Положив на ладонь кусок рафинада, он ударами рукояти ножа ловко раскрошил его на мелкие куски.
— Как же вы оказались на Камчатке?
Вопрос Соломина был, кажется, слишком опрометчив, и траппер ответил не сразу:
— Это тягостная история, сударь. Боюсь, что мой рассказ не доставит вам удовольствия.
Снежная буря куролесила над крышами Петропавловска.
— Не скрою, — сказал Соломин, — вы поставили меня в затруднительное положение. Прошу понять меня правильно: я теперь не знаю, что с вами делать.
— Арестуйте, и это будет самое правильное.
— В том-то и дело, что ваше скромное желание почти неисполнимо. У меня всего четыре казака, и, согласитесь, обременять их, людей занятых и семейных, постоянным несением караула при вашей персоне я не могу… Тюрьмы тоже нет!
Исполатов откровенно рассмеялся:
— Сочувствую вам, сударь, у вас, как говорится, положение хуже губернаторского.
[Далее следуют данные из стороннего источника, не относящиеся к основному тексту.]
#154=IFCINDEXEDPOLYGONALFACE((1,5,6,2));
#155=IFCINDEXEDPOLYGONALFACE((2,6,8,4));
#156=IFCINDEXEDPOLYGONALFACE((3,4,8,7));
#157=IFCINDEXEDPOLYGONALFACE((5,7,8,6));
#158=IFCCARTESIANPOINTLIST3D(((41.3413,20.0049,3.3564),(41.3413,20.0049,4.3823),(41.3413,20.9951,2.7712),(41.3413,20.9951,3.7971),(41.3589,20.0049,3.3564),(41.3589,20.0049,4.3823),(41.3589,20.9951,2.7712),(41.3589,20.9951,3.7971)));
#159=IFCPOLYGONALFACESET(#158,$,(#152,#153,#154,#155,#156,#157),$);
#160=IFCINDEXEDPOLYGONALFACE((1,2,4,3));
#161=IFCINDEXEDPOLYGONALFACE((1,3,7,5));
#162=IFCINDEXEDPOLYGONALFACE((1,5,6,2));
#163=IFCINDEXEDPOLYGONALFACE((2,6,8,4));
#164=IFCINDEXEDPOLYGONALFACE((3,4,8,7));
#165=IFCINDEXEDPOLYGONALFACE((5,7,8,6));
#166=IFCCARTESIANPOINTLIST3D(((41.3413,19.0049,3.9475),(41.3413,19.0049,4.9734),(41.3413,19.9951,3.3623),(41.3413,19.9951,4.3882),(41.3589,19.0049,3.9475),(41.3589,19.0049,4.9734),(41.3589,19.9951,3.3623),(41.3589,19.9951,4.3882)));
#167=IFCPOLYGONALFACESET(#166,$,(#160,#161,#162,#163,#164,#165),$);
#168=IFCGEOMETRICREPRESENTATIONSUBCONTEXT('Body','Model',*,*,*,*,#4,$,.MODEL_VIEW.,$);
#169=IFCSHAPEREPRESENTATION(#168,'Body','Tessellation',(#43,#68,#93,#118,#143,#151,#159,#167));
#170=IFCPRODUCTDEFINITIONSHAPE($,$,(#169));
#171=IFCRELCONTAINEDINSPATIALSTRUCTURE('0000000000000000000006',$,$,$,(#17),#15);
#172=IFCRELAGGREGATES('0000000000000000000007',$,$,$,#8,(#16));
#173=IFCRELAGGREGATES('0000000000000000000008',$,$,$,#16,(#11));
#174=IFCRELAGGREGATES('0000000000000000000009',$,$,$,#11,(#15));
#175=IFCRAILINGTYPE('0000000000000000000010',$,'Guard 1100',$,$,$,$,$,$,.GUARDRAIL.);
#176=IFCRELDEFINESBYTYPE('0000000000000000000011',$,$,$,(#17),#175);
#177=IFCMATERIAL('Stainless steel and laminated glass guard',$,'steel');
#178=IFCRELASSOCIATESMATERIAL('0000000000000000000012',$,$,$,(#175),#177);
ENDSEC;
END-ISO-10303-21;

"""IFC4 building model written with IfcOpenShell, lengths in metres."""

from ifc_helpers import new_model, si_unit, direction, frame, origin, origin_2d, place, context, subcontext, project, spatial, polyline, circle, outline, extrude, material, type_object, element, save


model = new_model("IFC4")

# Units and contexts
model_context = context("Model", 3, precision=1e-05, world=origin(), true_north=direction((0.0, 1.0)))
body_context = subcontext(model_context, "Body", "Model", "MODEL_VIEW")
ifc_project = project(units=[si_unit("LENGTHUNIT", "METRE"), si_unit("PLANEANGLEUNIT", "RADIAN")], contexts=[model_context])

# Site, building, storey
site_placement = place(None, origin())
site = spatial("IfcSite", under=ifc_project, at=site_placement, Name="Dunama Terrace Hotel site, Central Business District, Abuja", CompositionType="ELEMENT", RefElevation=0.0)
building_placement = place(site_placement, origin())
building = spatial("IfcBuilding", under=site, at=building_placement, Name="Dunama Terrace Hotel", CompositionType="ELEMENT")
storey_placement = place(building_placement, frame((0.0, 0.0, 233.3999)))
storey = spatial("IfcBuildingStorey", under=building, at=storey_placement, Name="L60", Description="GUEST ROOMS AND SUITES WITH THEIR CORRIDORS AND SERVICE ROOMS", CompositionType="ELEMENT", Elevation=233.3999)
Еще как хуже-то! Вы, наверное, извещены о том, сколь жестоко поступил со мной здешний — цвет общества?
Траппер отозвался с легкой небрежностью:
— Да, кое-что я слышал…
— С тех пор, — горячо подхватил Соломин, — Камчатка живет сама по себе. Стоило мне признать, что диагноз местного врача правилен, как все стало на свои места. Меня никто не тревожит, но и я ни во что не вмешиваюсь.